Morgan, a mother of 4 in Utah was home with her son recently when he started coming down with a bad case of diarrhea. She sent him to bed with a children’s dose of Imodium but it wasn’t long before he was throwing up, then very soon after complaining of a burning chest and breathing problems.
Shortly after that, coughing, wheezing, swelling & hives all appeared within minutes of each other. At this point, Morgan realized her son was experiencing an anaphylactic reaction and he was rushed to the hospital. After medical treatments and several hours of monitoring, her son was released from the hospital, the family and doctors still unsure as to what had been the exact cause of the reaction.

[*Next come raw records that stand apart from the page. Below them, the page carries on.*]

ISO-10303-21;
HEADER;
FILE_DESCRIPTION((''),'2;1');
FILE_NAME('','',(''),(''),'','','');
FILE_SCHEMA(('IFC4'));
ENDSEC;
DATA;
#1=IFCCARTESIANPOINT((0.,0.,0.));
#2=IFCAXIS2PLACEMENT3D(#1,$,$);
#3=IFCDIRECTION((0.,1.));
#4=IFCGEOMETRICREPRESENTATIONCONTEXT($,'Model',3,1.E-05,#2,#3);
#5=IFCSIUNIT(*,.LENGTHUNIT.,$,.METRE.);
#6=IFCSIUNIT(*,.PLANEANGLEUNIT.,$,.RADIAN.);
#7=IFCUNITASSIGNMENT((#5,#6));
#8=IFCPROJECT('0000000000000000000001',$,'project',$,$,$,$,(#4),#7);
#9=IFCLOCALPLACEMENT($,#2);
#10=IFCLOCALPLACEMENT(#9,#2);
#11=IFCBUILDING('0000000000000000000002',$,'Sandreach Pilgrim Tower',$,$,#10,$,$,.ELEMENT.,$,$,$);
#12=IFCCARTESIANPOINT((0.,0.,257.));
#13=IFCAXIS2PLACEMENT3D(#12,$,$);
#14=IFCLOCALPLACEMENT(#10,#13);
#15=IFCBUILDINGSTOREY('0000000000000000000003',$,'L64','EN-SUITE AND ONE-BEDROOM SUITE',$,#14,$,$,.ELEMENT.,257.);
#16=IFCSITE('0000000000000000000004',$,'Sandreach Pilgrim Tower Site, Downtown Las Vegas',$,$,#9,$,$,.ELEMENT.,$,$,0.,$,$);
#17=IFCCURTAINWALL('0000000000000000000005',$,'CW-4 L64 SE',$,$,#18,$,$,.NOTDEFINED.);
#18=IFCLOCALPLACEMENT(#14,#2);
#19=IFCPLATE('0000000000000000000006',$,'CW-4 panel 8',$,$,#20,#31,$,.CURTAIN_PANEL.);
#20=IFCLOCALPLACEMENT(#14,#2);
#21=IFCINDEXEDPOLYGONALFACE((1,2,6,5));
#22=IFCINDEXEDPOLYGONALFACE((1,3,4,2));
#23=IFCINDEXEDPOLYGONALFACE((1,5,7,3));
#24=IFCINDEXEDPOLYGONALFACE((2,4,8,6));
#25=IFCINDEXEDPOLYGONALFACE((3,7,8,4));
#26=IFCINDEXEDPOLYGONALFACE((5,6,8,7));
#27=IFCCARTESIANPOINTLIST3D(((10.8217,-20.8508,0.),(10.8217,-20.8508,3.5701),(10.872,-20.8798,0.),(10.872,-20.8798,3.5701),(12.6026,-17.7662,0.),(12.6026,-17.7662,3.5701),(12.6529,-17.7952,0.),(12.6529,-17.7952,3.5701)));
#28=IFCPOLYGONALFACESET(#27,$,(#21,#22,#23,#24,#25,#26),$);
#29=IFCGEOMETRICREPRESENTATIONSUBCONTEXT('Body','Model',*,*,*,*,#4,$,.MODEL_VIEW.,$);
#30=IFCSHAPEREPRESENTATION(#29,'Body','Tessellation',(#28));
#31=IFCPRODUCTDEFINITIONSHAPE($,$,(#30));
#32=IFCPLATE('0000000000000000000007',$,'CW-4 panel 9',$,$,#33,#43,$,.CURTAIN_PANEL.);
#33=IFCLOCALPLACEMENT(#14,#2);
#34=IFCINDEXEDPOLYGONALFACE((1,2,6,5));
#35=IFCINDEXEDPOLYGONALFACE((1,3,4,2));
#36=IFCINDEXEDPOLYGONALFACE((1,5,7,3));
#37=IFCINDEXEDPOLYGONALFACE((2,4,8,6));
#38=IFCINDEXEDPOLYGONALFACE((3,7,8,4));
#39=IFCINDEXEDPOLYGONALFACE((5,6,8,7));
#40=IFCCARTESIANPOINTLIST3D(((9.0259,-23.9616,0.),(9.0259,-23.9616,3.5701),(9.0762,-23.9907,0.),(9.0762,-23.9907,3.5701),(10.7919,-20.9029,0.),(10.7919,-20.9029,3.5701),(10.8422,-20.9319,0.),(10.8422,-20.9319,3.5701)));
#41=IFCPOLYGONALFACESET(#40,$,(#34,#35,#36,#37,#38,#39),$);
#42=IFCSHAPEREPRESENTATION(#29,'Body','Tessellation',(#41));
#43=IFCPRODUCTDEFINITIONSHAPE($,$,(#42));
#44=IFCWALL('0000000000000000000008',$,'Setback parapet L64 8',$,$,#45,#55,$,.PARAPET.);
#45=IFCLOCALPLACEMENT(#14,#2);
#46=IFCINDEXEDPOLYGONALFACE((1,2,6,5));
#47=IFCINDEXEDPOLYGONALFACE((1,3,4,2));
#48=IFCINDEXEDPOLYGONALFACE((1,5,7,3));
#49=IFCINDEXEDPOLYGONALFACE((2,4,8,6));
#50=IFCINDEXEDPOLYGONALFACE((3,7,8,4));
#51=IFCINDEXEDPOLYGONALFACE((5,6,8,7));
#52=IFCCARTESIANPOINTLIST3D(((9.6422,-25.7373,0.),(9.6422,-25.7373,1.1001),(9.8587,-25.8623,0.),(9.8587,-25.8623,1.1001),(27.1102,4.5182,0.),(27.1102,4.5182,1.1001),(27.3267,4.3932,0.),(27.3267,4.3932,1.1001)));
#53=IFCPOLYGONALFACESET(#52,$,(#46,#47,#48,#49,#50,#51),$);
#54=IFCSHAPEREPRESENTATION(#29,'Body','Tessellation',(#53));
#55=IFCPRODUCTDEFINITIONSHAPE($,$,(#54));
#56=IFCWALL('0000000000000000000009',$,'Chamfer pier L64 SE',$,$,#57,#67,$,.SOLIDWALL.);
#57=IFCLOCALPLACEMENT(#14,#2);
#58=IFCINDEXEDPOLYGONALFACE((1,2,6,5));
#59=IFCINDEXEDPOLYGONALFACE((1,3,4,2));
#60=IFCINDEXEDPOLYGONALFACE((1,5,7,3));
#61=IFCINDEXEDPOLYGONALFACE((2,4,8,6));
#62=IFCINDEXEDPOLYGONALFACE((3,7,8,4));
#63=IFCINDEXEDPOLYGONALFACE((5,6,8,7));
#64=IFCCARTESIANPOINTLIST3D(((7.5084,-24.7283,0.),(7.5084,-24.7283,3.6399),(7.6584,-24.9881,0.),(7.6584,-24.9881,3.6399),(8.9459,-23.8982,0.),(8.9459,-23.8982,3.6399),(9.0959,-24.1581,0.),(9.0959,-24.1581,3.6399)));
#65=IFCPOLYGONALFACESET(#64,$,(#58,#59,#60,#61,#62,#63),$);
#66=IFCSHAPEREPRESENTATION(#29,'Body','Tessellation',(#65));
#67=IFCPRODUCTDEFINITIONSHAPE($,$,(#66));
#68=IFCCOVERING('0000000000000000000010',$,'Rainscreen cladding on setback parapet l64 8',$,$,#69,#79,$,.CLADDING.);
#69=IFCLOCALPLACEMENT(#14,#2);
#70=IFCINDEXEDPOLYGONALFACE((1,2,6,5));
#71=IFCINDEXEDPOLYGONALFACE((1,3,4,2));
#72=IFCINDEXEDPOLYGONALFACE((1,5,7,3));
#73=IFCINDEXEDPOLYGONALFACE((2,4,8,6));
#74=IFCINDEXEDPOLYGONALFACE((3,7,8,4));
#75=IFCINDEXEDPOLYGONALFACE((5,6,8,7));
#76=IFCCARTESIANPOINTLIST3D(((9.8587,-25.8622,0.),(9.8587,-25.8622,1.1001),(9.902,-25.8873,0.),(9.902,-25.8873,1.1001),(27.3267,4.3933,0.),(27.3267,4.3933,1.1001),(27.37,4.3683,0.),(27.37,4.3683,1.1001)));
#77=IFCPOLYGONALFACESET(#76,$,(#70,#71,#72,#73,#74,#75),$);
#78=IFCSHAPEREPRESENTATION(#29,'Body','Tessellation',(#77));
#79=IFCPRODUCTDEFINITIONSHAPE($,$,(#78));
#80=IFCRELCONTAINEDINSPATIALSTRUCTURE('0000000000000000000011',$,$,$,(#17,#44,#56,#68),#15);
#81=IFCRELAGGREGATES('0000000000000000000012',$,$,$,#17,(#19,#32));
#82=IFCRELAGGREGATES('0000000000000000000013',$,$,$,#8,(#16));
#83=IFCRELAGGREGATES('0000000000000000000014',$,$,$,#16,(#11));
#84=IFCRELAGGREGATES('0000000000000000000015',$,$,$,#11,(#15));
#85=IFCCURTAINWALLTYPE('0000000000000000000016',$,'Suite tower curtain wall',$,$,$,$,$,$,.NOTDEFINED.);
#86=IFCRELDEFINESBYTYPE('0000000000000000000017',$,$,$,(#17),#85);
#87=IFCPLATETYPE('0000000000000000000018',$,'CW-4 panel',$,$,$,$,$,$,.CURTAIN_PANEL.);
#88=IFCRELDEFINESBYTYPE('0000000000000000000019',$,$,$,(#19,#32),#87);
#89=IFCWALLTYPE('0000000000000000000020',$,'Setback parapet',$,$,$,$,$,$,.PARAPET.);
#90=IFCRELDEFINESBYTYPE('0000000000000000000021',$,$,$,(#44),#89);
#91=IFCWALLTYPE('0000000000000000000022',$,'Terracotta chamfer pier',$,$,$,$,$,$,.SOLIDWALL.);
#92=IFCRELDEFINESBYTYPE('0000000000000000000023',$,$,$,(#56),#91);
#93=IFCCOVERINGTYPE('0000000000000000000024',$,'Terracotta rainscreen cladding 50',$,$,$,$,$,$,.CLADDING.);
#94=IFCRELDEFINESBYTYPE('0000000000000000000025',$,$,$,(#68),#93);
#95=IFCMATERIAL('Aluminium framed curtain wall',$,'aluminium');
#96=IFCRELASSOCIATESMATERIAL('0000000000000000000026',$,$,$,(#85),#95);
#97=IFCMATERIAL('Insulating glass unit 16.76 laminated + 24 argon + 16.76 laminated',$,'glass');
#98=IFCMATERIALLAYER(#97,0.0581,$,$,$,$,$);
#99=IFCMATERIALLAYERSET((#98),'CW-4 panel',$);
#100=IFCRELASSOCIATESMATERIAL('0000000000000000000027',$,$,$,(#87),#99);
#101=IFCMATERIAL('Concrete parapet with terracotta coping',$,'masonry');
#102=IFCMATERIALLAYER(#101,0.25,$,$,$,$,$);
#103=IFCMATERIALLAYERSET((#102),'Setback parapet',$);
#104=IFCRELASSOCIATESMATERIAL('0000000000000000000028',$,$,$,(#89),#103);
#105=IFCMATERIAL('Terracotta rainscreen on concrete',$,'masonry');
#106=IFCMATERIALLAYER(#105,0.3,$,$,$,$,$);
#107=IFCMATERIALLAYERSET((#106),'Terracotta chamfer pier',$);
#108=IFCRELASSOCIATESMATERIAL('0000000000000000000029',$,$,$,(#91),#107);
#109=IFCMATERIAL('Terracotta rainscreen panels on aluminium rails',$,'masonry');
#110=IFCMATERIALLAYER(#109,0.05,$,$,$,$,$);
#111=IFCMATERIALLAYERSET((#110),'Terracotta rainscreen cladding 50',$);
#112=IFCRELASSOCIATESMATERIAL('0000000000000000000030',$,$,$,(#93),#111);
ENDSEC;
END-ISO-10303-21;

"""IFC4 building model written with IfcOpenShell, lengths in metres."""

from ifc_helpers import new_model, si_unit, direction, frame, frame_2d, origin, origin_2d, place, context, subcontext, project, spatial, rectangle, extrude, material, layer, layer_set, type_object, element, aggregate, save


model = new_model("IFC4")

# Units and contexts
model_context = context("Model", 3, precision=1e-05, world=origin(), true_north=direction((0.0, 1.0)))
body_context = subcontext(model_context, "Body", "Model", "MODEL_VIEW")
ifc_project = project(units=[si_unit("LENGTHUNIT", "METRE"), si_unit("PLANEANGLEUNIT", "RADIAN")], contexts=[model_context])

# Site, building, storey
site_placement = place(None, origin())
site = spatial("IfcSite", under=ifc_project, at=site_placement, Name="Sandreach Pilgrim Tower Site, Downtown Las Vegas", CompositionType="ELEMENT", RefElevation=0.0)
building_placement = place(site_placement, origin())
building = spatial("IfcBuilding", under=site, at=building_placement, Name="Sandreach Pilgrim Tower", CompositionType="ELEMENT")
storey_placement = place(building_placement, frame((0.0, 0.0, 257.0)))
storey = spatial("IfcBuildingStorey", under=building, at=storey_placement, Name="L64", Description="EN-SUITE AND ONE-BEDROOM SUITE", CompositionType="ELEMENT", Elevation=257.0)

# Curtain wall
ifc_material_1 = material(Name="Aluminium framed curtain wall", Category="aluminium")
curtain_wall_type = type_object("IfcCurtainWallType", Name="Suite tower curtain wall", PredefinedType="NOTDEFINED", material=ifc_material_1)
curtain_wall_placement = place(storey_placement, origin())
curtain_wall = element("IfcCurtainWall", 1, at=curtain_wall_placement, inside=storey, type_object=curtain_wall_type, Name="CW-4 L64 SE", PredefinedType="NOTDEFINED")

# Plates
ifc_material_2 = material(Name="Insulating glass unit 16.76 laminated + 24 argon + 16.76 laminated", Category="glass")
ifc_layer_1 = layer(ifc_material_2, 0.0581)
ifc_layer_set_1 = layer_set([ifc_layer_1], Name="CW-4 panel")
plate_type = type_object("IfcPlateType", Name="CW-4 panel", PredefinedType="CURTAIN_PANEL", material=ifc_layer_set_1)
plate_1_placement = place(storey_placement, frame((11.7373, -19.323, 0.0), z_axis=(0.0, 0.0, 1.0), x_axis=(-0.5, -0.866025, 0.0)))
plate_1 = element("IfcPlate", 2, at=plate_1_placement, type_object=plate_type, Name="CW-4 panel 8", PredefinedType="CURTAIN_PANEL", context=body_context, shape_type="SweptSolid", body=[
    extrude(rectangle(XDim=3.5618, YDim=0.0581, at=origin_2d()), origin(), (0.0, 0.0, 1.0), 3.5701),
])
plate_2_placement = place(storey_placement, frame((9.9341, -22.4468, 0.0), z_axis=(0.0, 0.0, 1.0), x_axis=(-0.5, -0.866025, 0.0)))
plate_2 = element("IfcPlate", 3, at=plate_2_placement, type_object=plate_type, Name="CW-4 panel 9", PredefinedType="CURTAIN_PANEL", context=body_context, shape_type="SweptSolid", body=[
    extrude(rectangle(XDim=3.532, YDim=0.0581, at=origin_2d()), origin(), (0.0, 0.0, 1.0), 3.5701),
])
aggregate(curtain_wall, [plate_1, plate_2])

# Walls
ifc_material_3 = material(Name="Concrete parapet with terracotta coping", Category="masonry")
ifc_layer_2 = layer(ifc_material_3, 0.25)
ifc_layer_set_2 = layer_set([ifc_layer_2], Name="Setback parapet")
wall_type_1 = type_object("IfcWallType", Name="Setback parapet", PredefinedType="PARAPET", material=ifc_layer_set_2)
wall_1_placement = place(storey_placement, frame((9.7505, -25.7998, 0.0), z_axis=(0.0, 0.0, 1.0), x_axis=(0.499998, 0.866026, 0.0)))
element("IfcWall", 4, at=wall_1_placement, inside=storey, type_object=wall_type_1, Name="Setback parapet L64 8", PredefinedType="PARAPET", context=body_context, shape_type="SweptSolid", body=[
    extrude(rectangle(XDim=34.936, YDim=0.25, at=frame_2d((17.468, 0.0))), origin(), (0.0, 0.0, 1.0), 1.1001),
])
ifc_material_4 = material(Name="Terracotta rainscreen on concrete", Category="masonry")
ifc_layer_3 = layer(ifc_material_4, 0.3)
ifc_layer_set_3 = layer_set([ifc_layer_3], Name="Terracotta chamfer pier")
wall_type_2 = type_object("IfcWallType", Name="Terracotta chamfer pier", PredefinedType="SOLIDWALL", material=ifc_layer_set_3)
wall_2_placement = place(storey_placement, frame((9.021, -24.0281, 0.0), z_axis=(0.0, 0.0, 1.0), x_axis=(-0.86599, -0.500062, 0.0)))
element("IfcWall", 5, at=wall_2_placement, inside=storey, type_object=wall_type_2, Name="Chamfer pier L64 SE", PredefinedType="SOLIDWALL", context=body_context, shape_type="SweptSolid", body=[
    extrude(rectangle(XDim=1.6599, YDim=0.3, at=frame_2d((0.8301, 0.0))), origin(), (0.0, 0.0, 1.0), 3.6399),
])

# Covering
ifc_material_5 = material(Name="Terracotta rainscreen panels on aluminium rails", Category="masonry")
ifc_layer_4 = layer(ifc_material_5, 0.05)
ifc_layer_set_4 = layer_set([ifc_layer_4], Name="Terracotta rainscreen cladding 50")
covering_type = type_object("IfcCoveringType", Name="Terracotta rainscreen cladding 50", PredefinedType="CLADDING", material=ifc_layer_set_4)
covering_placement = place(storey_placement, frame((9.8804, -25.8748, 0.0), z_axis=(0.0, 0.0, 1.0), x_axis=(0.499998, 0.866026, 0.0)))
element("IfcCovering", 6, at=covering_placement, inside=storey, type_object=covering_type, Name="Rainscreen cladding on setback parapet l64 8", PredefinedType="CLADDING", context=body_context, shape_type="SweptSolid", body=[
    extrude(rectangle(XDim=34.936, YDim=0.05, at=frame_2d((17.468, 0.0))), origin(), (0.0, 0.0, 1.0), 1.1001),
])

save(model, "model.ifc")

The next day, while sitting next to a sibling eating a peanut butter sandwich, Morgan’s son again began to experience anaphylaxis and made a return trip to the hospital. Peanuts were a highly suspicious cause at this point, but the family was still unsure until blood tests confirmed his allergy to peanuts.
But Morgan’s son had eaten peanuts plenty of times before, with no signs of a reaction… why now? The truth is, that while kids may be born with the genetic disposition to have allergies, they aren’t born with allergies specific to any one thing. Children later develop allergies to specific foods or other substances as they are repeatedly exposed to them, most often while their immune systems are still developing, but people with an allergic disposition can develop allergies to anything at any age — this includes adults as well.

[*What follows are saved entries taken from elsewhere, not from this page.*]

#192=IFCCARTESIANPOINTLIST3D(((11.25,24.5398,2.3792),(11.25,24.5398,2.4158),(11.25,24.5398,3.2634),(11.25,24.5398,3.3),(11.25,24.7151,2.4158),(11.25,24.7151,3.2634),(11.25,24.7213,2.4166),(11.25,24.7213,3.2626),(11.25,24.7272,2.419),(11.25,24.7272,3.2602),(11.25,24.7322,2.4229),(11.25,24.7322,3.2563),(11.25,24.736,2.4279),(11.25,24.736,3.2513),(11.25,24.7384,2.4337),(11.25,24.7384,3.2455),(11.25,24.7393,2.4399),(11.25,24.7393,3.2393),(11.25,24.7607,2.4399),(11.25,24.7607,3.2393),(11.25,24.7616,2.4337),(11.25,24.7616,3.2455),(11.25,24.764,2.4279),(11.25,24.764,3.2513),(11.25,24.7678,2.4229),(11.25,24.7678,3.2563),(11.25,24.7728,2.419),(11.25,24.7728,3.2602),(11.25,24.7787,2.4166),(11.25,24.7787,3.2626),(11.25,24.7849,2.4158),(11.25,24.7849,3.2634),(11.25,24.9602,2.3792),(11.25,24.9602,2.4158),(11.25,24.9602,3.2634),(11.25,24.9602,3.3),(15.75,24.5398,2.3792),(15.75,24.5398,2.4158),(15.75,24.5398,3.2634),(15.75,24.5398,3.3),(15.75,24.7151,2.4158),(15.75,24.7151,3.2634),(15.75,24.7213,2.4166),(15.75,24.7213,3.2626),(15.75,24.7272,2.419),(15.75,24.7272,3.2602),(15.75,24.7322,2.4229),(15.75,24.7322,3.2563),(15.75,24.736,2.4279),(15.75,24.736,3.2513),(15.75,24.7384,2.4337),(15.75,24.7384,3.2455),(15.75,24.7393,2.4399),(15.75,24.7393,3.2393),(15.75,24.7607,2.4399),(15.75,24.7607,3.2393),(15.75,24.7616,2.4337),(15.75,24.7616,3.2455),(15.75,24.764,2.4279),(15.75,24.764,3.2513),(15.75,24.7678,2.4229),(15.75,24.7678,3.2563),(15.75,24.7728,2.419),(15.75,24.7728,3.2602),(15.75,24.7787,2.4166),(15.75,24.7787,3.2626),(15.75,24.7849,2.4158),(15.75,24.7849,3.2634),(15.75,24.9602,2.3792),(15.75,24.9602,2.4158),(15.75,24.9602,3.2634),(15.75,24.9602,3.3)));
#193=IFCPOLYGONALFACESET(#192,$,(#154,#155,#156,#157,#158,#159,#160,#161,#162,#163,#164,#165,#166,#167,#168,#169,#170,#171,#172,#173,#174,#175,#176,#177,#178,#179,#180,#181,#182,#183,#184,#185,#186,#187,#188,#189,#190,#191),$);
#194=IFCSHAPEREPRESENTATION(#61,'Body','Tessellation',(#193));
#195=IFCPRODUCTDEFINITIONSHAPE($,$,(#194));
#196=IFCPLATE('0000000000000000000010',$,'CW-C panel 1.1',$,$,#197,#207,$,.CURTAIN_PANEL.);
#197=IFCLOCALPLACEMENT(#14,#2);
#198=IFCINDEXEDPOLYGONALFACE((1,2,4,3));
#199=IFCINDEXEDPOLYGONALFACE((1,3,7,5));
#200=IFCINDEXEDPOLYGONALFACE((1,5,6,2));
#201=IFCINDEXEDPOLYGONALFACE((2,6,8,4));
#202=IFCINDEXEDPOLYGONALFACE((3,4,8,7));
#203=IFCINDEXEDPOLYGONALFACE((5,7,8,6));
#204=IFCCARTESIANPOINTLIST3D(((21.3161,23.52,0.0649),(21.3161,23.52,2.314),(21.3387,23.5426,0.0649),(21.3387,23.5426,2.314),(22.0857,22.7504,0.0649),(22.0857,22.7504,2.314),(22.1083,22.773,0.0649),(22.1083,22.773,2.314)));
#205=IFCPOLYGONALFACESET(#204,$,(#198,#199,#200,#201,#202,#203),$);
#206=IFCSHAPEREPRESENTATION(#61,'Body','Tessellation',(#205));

Morgan says she wishes she had been better educated about allergies. She has a few food intolerances of her own and her son also has a milk allergy, but his only symptoms after being exposed to milk included skin irritations and stomach cramps — nothing life threatening. She also says that, until she went through the experience herself, she didn’t realize just how risky food allergies can be to someone who is in the same room as their life-threatening allergen and that all families, whether they have food allergies or not, should be better educated on the topic.

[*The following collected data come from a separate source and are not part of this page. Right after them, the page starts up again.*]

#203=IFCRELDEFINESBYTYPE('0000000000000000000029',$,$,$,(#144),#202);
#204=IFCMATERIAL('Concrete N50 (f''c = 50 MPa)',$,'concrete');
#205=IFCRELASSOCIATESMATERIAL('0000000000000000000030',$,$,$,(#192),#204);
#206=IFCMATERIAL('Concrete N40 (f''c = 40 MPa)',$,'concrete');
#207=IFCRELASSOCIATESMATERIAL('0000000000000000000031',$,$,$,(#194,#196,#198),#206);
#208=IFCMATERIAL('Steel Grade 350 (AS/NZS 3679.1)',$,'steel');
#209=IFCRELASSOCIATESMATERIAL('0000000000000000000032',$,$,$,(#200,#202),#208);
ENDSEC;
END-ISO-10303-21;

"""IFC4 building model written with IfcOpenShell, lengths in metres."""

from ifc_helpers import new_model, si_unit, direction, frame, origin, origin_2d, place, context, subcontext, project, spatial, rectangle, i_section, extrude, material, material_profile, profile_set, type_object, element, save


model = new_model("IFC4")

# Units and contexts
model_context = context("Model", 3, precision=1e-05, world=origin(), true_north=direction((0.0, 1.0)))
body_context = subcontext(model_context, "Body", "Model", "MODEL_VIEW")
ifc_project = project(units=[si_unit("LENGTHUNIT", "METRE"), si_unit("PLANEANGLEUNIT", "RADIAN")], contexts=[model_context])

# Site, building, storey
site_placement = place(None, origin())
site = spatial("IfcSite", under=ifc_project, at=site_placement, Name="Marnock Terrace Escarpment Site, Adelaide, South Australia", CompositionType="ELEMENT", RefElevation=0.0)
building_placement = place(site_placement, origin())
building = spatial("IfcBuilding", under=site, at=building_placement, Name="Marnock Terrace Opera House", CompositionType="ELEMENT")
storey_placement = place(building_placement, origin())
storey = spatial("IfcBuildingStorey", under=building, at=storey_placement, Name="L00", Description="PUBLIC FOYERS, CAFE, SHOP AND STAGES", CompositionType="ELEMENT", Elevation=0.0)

The blood test results for Morgan’s son also showed that his allergy to peanuts was not as severe as his allergy to milk, yet his reaction to peanuts was more severe than any reaction he has ever had to milk. This is because allergies are unpredictable and subsequent allergic reactions can result in anaphylaxis even if prior reactions were minor, so it is important to always be prepared with life-saving emergency medication on hand.
Since the peanut experience, the family now carries emergency epinephrine auto-injectors and is supportive of efforts to get epinephrine stocked in schools — especially since her son’s school is 30 minutes away from the nearest hospital. The overall experience was both surprising and scary for Morgan and her 8 year-old and they don’t know what they would have done if the first anaphylactic reaction had occurred during the school day.
Does your school have epinephrine on hand?